Optimizing Expectation with Guarantees in POMDPs
Chatterjee, Krishnendu (The Institute of Science and Technology Austria) | Novotný, Petr (The Institute of Science and Technology Austria) | Pérez, Guillermo A. (Université Libre de Bruxelles) | Raskin, Jean-François (Université Libre de Bruxelles) | Žikelić, Đorđe (University of Cambridge)

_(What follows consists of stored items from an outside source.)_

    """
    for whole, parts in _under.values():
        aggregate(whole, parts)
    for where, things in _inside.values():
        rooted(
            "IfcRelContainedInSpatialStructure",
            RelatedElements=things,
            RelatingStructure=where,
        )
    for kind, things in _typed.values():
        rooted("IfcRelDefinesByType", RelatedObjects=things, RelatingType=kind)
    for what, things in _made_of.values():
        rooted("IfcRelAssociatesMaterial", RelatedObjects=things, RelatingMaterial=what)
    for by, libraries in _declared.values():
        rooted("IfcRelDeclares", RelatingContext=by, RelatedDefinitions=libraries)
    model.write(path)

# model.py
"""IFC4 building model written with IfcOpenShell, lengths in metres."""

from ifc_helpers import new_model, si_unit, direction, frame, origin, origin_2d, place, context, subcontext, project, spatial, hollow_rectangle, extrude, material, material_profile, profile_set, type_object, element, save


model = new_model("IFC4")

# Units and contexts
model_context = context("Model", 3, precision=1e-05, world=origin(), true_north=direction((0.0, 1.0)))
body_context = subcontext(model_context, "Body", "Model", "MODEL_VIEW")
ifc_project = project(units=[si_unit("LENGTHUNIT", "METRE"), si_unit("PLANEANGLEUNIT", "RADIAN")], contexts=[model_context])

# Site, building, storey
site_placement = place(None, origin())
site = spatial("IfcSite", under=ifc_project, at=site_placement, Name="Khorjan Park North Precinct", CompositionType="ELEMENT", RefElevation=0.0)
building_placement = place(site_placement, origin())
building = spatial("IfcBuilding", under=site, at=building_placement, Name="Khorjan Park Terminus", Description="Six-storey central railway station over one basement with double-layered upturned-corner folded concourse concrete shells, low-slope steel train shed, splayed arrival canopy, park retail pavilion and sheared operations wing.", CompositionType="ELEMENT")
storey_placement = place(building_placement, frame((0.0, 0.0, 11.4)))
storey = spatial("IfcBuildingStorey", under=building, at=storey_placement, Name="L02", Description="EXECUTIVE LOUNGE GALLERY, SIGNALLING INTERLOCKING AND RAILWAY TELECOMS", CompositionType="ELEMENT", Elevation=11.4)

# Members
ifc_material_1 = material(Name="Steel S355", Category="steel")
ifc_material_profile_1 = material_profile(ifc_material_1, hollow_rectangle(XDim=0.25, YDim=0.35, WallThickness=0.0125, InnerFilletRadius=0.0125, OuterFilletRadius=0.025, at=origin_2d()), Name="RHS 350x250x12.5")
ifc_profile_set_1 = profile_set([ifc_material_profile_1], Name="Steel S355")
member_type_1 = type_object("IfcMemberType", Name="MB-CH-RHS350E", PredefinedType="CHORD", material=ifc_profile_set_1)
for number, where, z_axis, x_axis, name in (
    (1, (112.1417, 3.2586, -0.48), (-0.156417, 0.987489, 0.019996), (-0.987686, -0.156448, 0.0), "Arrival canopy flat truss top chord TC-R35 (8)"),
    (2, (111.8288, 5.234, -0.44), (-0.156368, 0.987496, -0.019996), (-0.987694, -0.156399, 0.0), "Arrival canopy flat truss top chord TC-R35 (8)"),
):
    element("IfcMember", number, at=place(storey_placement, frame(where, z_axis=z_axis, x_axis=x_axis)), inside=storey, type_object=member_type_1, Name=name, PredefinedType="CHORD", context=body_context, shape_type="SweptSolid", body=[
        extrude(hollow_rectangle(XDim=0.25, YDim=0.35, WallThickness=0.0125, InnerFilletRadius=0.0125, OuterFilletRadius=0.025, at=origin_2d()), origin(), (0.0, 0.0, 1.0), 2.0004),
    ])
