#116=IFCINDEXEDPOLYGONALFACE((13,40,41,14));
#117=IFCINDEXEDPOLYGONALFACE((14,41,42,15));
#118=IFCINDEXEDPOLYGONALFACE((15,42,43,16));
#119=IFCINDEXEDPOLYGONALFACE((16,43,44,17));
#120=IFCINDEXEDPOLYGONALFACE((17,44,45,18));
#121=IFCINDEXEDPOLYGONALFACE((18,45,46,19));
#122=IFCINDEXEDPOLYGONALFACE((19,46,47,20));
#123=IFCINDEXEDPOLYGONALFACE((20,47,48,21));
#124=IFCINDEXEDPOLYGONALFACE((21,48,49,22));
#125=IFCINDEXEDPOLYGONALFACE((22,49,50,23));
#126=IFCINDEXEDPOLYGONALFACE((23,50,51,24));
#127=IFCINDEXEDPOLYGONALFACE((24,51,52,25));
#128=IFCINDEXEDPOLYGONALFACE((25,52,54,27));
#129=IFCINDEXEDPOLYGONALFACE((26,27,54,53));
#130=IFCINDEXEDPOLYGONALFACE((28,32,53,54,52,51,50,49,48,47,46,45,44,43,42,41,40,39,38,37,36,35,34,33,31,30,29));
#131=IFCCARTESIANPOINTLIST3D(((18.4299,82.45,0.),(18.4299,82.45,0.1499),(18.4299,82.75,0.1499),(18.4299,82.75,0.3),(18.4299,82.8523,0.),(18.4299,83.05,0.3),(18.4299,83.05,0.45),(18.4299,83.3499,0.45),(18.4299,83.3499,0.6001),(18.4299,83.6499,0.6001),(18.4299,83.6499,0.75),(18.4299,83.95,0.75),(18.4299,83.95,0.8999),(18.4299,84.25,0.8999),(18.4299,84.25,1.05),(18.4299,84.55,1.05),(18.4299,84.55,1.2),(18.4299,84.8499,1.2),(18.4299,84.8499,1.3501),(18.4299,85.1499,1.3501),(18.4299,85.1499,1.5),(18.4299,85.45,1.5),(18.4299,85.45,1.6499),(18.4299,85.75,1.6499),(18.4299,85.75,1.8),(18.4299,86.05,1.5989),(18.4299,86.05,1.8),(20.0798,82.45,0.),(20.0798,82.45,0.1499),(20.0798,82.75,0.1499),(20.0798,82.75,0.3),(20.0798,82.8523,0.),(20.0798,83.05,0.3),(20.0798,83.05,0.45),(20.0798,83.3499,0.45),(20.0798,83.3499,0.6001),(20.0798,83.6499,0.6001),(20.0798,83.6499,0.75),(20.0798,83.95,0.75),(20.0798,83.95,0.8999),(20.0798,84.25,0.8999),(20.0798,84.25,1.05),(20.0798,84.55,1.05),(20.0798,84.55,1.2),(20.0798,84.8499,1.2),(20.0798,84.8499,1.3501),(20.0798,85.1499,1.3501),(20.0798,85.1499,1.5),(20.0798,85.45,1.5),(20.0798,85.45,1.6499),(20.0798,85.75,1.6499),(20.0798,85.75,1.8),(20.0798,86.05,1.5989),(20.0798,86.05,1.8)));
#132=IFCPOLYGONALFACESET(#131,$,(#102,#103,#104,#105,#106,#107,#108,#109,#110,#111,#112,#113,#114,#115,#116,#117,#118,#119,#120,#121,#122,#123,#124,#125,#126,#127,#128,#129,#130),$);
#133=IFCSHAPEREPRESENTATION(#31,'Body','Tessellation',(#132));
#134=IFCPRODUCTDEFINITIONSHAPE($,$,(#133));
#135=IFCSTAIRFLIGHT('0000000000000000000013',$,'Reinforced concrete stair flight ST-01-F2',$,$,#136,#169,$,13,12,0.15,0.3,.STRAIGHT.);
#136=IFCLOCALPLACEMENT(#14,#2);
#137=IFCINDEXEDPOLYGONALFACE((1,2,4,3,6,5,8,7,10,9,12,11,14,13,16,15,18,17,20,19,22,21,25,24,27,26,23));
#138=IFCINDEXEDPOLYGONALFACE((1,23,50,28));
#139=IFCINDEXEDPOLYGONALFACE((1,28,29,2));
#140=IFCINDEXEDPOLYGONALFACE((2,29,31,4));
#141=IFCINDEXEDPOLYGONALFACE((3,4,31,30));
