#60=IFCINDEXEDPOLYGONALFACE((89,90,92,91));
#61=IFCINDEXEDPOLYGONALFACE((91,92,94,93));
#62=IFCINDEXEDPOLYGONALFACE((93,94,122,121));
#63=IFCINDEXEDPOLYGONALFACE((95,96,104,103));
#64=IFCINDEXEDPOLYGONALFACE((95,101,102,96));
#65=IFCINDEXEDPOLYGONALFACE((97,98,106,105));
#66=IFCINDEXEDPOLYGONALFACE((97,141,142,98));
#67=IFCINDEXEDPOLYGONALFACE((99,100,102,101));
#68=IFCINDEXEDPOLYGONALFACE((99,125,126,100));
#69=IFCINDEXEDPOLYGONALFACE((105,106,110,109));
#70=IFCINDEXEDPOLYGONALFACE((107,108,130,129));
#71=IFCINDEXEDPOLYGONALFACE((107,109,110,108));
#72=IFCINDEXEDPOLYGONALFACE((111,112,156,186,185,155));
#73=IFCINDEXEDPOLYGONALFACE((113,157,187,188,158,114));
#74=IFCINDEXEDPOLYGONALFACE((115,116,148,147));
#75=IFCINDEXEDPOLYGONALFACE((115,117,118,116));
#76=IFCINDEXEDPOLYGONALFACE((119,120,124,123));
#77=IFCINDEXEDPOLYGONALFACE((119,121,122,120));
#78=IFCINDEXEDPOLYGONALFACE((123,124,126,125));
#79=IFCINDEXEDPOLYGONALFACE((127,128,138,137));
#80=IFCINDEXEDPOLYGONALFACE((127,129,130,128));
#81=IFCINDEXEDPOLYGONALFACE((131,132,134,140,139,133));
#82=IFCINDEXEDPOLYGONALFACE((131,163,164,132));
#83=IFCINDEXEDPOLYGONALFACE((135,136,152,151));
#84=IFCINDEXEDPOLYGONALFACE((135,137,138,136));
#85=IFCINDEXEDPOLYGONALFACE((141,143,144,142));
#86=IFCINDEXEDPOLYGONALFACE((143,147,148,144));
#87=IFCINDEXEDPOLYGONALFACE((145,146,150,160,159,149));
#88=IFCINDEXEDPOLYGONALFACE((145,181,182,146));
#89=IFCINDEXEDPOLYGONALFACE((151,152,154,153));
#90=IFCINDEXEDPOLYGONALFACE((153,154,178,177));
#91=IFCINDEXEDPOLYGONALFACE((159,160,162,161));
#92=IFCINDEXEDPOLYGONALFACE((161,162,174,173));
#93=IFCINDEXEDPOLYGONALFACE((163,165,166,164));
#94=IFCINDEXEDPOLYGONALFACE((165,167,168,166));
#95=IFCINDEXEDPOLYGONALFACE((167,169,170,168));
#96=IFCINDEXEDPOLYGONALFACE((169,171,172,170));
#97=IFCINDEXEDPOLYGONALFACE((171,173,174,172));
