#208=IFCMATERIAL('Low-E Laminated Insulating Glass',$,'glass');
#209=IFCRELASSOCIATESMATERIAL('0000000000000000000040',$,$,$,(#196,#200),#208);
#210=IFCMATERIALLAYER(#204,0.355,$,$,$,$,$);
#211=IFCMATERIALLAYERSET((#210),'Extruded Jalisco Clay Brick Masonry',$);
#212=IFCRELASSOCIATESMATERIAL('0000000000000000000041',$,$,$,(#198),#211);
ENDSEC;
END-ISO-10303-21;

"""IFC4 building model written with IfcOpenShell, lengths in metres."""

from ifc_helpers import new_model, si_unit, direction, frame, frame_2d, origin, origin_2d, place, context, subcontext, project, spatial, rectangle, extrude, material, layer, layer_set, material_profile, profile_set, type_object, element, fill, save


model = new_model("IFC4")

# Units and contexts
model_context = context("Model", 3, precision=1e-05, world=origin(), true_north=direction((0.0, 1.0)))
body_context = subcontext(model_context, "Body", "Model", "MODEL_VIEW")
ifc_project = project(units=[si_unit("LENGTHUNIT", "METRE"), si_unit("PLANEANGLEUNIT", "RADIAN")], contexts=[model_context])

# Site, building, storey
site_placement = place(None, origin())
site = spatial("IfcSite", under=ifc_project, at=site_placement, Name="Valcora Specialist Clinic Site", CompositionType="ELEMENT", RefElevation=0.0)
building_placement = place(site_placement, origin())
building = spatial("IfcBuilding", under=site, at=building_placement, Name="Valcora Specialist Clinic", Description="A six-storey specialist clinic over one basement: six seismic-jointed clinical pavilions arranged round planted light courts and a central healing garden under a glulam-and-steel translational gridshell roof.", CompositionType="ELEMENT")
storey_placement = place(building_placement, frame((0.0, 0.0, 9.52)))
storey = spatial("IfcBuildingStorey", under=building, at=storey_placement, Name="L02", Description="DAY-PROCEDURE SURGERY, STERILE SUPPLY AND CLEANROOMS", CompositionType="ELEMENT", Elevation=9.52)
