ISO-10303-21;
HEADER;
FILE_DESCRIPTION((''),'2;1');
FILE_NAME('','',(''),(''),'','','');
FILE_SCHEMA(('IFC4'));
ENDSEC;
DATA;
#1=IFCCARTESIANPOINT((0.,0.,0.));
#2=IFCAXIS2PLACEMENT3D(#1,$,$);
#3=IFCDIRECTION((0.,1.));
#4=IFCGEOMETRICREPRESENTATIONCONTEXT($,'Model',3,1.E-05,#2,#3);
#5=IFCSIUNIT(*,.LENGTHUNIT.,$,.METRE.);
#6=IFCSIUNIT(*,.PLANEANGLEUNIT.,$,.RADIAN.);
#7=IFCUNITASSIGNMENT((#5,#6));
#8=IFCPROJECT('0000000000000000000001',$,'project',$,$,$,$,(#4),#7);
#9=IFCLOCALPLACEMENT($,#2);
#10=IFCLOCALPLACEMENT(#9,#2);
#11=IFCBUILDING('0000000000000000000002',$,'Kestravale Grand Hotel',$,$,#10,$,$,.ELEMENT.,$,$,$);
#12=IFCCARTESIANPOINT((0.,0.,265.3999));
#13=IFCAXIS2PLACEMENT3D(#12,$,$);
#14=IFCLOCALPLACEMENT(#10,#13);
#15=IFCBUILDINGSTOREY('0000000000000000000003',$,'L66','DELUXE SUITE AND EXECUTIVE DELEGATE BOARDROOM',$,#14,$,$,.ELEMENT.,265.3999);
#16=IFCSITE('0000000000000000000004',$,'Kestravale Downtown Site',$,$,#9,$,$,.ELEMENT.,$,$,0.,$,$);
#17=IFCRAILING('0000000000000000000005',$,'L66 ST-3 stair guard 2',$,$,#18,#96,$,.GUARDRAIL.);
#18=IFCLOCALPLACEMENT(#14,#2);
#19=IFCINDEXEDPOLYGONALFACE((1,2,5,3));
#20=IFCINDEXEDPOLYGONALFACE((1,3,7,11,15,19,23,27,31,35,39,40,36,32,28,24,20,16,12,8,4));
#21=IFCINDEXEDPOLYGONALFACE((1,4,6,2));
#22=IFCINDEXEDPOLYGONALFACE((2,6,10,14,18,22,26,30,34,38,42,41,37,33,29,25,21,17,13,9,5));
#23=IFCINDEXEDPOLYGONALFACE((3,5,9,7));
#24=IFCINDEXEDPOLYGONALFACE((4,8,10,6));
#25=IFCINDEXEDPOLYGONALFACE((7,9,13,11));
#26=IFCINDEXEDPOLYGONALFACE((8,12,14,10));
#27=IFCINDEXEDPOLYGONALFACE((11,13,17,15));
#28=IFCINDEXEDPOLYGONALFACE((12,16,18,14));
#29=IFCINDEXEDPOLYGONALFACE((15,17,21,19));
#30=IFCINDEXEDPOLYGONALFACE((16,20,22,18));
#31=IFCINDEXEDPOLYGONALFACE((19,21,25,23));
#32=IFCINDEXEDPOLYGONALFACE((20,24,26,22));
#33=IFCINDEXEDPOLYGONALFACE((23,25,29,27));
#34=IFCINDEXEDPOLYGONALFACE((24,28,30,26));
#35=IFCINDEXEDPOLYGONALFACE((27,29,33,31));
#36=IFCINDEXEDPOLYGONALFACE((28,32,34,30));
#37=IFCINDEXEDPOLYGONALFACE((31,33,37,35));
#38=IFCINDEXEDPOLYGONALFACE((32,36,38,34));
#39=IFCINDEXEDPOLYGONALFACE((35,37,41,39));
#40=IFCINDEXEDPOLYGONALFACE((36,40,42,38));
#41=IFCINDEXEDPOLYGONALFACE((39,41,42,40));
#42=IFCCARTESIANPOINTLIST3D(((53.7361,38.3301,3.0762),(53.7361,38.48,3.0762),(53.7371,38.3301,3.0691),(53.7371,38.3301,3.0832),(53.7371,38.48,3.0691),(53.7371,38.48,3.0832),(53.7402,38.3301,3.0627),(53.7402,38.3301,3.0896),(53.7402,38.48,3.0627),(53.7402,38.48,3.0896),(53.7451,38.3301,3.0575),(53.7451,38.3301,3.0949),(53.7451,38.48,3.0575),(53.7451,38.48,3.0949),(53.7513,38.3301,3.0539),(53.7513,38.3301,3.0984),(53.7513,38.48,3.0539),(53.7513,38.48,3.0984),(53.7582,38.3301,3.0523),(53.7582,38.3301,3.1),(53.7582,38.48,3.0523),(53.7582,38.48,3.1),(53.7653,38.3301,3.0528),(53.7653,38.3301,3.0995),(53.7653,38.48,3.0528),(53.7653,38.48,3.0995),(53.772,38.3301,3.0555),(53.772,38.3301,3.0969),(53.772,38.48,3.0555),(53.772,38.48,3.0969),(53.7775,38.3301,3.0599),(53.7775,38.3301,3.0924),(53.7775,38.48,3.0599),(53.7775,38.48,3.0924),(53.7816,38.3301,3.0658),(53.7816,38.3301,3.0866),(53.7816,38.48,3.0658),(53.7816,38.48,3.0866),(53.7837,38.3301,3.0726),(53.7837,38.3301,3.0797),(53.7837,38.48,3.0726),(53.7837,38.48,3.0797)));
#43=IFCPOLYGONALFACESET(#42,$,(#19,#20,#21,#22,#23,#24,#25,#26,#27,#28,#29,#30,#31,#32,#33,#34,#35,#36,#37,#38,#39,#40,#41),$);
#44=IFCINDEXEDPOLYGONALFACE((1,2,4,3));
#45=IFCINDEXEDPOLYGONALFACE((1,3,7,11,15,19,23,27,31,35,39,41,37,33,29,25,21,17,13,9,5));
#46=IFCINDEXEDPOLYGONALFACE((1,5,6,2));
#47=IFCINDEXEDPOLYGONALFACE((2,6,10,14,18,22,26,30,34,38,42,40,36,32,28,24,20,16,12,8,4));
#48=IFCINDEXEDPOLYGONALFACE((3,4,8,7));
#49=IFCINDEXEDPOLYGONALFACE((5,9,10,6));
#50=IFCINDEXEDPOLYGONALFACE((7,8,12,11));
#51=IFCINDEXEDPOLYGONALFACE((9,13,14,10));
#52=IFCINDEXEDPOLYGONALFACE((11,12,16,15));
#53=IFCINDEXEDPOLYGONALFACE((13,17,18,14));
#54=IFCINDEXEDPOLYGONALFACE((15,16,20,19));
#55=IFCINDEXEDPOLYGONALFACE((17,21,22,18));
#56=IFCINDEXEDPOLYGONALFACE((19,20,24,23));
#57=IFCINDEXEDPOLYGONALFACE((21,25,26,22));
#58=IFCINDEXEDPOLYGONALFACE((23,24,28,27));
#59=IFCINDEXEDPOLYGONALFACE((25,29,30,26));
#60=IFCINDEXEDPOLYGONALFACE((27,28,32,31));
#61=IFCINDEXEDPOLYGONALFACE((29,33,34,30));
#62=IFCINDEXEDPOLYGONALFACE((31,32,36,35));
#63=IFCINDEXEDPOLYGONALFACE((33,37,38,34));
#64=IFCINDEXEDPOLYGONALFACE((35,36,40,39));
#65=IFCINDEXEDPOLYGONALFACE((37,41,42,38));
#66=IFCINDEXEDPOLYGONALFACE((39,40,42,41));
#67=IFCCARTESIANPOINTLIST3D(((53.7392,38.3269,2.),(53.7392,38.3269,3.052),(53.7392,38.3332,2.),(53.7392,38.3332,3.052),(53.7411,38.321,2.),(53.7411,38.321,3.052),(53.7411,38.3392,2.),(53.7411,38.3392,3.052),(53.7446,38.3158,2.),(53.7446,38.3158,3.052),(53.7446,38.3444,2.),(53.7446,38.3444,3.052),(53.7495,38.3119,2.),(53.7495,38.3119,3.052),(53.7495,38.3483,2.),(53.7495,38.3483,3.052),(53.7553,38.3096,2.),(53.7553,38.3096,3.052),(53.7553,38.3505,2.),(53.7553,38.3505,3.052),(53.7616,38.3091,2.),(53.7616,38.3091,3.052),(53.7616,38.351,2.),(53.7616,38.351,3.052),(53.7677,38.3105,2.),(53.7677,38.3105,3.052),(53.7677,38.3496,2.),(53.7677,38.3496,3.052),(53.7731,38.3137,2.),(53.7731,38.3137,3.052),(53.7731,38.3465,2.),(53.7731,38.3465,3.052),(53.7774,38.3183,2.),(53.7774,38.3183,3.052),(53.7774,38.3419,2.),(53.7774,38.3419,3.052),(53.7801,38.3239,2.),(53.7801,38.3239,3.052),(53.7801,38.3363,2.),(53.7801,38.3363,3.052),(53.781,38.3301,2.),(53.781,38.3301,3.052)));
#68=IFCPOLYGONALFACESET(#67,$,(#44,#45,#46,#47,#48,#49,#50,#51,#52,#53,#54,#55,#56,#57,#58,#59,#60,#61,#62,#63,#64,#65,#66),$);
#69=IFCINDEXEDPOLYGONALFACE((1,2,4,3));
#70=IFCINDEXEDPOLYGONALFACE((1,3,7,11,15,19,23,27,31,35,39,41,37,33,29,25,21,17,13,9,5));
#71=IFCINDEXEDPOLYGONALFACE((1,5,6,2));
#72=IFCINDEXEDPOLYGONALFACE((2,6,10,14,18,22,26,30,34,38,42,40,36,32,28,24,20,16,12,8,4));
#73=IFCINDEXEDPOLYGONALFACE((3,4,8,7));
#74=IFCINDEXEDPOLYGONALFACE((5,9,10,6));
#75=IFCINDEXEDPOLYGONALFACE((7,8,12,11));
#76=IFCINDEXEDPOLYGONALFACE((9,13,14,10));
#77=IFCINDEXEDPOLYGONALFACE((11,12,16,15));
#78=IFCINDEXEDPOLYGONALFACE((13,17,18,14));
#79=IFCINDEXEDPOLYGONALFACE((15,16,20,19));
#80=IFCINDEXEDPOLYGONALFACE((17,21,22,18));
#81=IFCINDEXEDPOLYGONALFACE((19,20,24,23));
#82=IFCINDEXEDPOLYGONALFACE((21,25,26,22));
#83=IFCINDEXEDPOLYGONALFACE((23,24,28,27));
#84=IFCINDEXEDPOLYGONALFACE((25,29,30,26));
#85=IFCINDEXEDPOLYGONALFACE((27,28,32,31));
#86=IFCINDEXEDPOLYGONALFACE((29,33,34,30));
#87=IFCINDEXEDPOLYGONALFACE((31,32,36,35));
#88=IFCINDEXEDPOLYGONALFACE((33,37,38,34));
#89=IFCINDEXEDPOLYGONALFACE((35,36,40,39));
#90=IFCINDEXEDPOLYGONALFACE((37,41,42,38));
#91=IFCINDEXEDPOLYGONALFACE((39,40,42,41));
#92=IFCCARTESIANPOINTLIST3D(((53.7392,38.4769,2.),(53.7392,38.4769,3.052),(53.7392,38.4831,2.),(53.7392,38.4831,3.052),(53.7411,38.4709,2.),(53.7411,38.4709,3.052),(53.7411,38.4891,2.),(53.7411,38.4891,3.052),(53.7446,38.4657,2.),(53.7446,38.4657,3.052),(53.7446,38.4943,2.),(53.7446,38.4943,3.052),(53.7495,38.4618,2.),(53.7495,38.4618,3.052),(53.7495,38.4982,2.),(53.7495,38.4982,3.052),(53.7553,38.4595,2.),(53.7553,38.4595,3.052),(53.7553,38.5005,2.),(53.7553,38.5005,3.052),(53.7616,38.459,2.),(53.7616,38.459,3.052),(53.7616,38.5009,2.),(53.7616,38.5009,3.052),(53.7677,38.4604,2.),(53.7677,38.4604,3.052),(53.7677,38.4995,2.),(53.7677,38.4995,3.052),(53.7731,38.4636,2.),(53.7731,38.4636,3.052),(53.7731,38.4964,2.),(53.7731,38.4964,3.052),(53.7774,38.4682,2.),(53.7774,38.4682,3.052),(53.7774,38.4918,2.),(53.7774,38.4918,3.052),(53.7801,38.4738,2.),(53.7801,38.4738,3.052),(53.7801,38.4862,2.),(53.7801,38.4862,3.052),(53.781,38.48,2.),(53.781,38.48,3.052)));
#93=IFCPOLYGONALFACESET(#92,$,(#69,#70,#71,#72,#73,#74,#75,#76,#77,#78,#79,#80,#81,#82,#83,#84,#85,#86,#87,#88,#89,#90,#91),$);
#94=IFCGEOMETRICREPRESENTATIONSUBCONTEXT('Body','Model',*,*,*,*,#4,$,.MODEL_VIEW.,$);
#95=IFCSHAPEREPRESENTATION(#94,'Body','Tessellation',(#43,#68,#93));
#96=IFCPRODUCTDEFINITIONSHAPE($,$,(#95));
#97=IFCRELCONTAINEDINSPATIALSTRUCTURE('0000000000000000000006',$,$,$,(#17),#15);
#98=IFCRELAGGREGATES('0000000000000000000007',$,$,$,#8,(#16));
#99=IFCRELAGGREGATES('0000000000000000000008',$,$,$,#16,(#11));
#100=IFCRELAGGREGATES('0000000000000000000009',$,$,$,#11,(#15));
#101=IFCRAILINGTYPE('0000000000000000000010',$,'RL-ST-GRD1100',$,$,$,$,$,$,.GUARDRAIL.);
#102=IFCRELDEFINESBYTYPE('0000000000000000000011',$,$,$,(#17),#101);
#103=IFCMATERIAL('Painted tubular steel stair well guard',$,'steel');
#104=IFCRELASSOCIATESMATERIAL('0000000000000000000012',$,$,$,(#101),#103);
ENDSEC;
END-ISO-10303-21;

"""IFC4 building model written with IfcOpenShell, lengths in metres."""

from ifc_helpers import new_model, si_unit, direction, frame, origin, origin_2d, place, context, subcontext, project, spatial, circle, extrude, material, type_object, element, save


model = new_model("IFC4")

# Units and contexts
model_context = context("Model", 3, precision=1e-05, world=origin(), true_north=direction((0.0, 1.0)))
body_context = subcontext(model_context, "Body", "Model", "MODEL_VIEW")
ifc_project = project(units=[si_unit("LENGTHUNIT", "METRE"), si_unit("PLANEANGLEUNIT", "RADIAN")], contexts=[model_context])

# Site, building, storey
site_placement = place(None, origin())
site = spatial("IfcSite", under=ifc_project, at=site_placement, Name="Kestravale Downtown Site", CompositionType="ELEMENT", RefElevation=0.0)
building_placement = place(site_placement, origin())
building = spatial("IfcBuilding", under=site, at=building_placement, Name="Kestravale Grand Hotel", CompositionType="ELEMENT")
storey_placement = place(building_placement, frame((0.0, 0.0, 265.3999)))
storey = spatial("IfcBuildingStorey", under=building, at=storey_placement, Name="L66", Description="DELUXE SUITE AND EXECUTIVE DELEGATE BOARDROOM", CompositionType="ELEMENT", Elevation=265.3999)

# Railing
ifc_material_1 = material(Name="Painted tubular steel stair well guard", Category="steel")
railing_type_1 = type_object("IfcRailingType", Name="RL-ST-GRD1100", PredefinedType="GUARDRAIL", material=ifc_material_1)
railing_1_placement = place(storey_placement, frame((53.76, 38.3301, 2.0)))
element("IfcRailing", 1, at=railing_1_placement, inside=storey, type_object=railing_type_1, Name="L66 ST-3 stair guard 2", PredefinedType="GUARDRAIL", context=body_context, shape_type="SweptSolid", body=[
    extrude(circle(Radius=0.0239, at=origin_2d()), frame((0.0, 0.0, 1.0762), z_axis=(0.0, 1.0, 0.0), x_axis=(-1.0, 0.0, 0.0)), (0.0, 0.0, 1.0), 0.1499),
    extrude(circle(Radius=0.021, at=origin_2d()), origin(), (0.0, 0.0, 1.0), 1.052),
    extrude(circle(Radius=0.021, at=origin_2d()), frame((0.0, 0.1499, 0.0)), (0.0, 0.0, 1.0), 1.052),
])

save(model, "model.ifc")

A standard objective in partially-observable Markov decision processes (POMDPs) is to find a policy that maximizes the expected discounted-sum payoff. However, such policies may still permit unlikely but highly undesirable outcomes, which is problematic especially in safety-critical applications. Recently, there has been a surge of interest in POMDPs where the goal is to maximize the probability to ensure that the payoff is at least a given threshold, but these approaches do not consider any optimization beyond satisfying this threshold constraint. In this work we go beyond both the “expectation” and “threshold” approaches and consider a “guaranteed payoff optimization (GPO)” problem for POMDPs, where we are given a threshold t and the objective is to find a policy σ such that a) each possible outcome of σ yields a discounted-sum payoff of at least t, and b) the expected discounted-sum payoff of σ is optimal (or near-optimal) among all policies satisfying a). We present a practical approach to tackle the GPO problem and evaluate it on standard POMDP benchmarks.